MEPs approve EGF agreement

Brussels, 08/11/2013 (Agence Europe) - EU aid to redundant workers will continue in 2014-2020 and will focus on new categories of workers, such as the self-employed and those on temporary contracts, according to the compromise between institutions on the European Globalisation Adjustment Fund (EGF) approved by the European Parliament's employment committee on Tuesday 5 November (see EUROPE 10945). “I am particularly pleased that we were successful in including workers made redundant by the current crisis (…). We also wanted to see real added value and ensure that member states do not use the fund to merely substitute for supports already in place”, said rapporteur Marian Harkin (ALDE, Ireland).

“This tool will continue to be used to mitigate the effects of the current economic crisis”, stated the chair of the employment and social affairs committee, Pervenche Berès (S&D, France).

Thanks to the Parliament, the EGF's scope has been extended to make the aid available again to people who have lost their jobs as a result of the economic crisis (the primary objective of the fund being to support those affected by globalisation). The threshold for triggering support from the fund is 500 redundancies. In addition, new categories of workers will be able to benefit from EGF aid, such as workers with fixed-term contracts, temporary agency workers and the self-employed.

Youth unemployment chapter. According to the compromise text, EGF aid could be made available temporarily to young people who are “not in education, employment or training (NEETS)” and who are from regions affected by redundancies.

Co-financing rates. EGF aid is added to contributions from member states which part-finance schemes to get redundant workers back into work. Under the terms of the agreement, the EGF share should cover 60% of the cost of the measures (job search assistance, training and support for business start-ups). The European Commission had initially proposed a co-financing rate of 50%. The Parliament wanted different co-financing rates according to the economic situation of the member states but it finally backed this compromise.
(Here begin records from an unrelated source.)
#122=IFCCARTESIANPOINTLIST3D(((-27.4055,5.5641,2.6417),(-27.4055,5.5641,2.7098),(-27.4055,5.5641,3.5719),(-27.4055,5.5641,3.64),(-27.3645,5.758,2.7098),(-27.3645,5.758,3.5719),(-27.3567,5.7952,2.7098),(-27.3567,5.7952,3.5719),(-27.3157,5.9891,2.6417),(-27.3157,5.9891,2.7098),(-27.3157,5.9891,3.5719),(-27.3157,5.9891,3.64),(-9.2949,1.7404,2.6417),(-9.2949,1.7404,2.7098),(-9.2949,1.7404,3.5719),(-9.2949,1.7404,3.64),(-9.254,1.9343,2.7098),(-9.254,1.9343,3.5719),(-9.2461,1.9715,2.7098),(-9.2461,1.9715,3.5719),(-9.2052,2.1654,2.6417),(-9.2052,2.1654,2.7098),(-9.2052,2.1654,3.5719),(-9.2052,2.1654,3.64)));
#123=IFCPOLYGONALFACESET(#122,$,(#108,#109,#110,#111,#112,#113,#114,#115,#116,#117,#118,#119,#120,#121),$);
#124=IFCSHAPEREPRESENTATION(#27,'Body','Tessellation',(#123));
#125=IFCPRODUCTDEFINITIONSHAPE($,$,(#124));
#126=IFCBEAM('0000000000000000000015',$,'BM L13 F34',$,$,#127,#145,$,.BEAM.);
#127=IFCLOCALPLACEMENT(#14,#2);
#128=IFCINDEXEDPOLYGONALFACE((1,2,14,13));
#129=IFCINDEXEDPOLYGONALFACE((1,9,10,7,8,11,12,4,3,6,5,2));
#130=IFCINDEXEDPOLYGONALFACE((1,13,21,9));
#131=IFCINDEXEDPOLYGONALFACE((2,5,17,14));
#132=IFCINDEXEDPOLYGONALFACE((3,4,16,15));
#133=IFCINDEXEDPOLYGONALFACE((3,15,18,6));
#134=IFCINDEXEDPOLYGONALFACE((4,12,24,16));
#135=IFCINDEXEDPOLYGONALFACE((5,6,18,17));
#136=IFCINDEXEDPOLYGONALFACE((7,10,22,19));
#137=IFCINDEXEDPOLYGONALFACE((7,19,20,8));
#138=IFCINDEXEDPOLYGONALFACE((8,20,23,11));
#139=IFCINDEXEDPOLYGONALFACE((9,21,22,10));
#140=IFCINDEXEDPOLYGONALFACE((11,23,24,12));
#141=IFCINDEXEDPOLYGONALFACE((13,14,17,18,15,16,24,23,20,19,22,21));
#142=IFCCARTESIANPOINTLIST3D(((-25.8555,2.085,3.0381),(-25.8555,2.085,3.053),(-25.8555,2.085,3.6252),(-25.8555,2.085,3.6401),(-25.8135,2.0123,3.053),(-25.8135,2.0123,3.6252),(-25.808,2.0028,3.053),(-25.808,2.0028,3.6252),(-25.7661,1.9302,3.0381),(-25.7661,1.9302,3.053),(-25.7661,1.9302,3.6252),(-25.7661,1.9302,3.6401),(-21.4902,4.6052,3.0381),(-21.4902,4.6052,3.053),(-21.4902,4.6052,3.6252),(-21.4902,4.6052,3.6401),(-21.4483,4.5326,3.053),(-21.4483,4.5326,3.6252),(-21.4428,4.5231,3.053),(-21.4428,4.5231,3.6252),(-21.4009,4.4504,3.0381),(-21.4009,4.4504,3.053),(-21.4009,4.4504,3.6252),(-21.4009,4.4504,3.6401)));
Cap for financial allowances. The Parliament ensured that EGF aid in the form of financial allowances will not exceed 35% of the costs. This means that the workers concerned will benefit from more training and career guidance. The member states will not be able to use EGF aid to replace unemployment benefit.

The EGF allocation will be €150 million per year for the 2014-2020 period. The agreement still has to be formally approved by Council and European Parliament. (LC/transl.fl)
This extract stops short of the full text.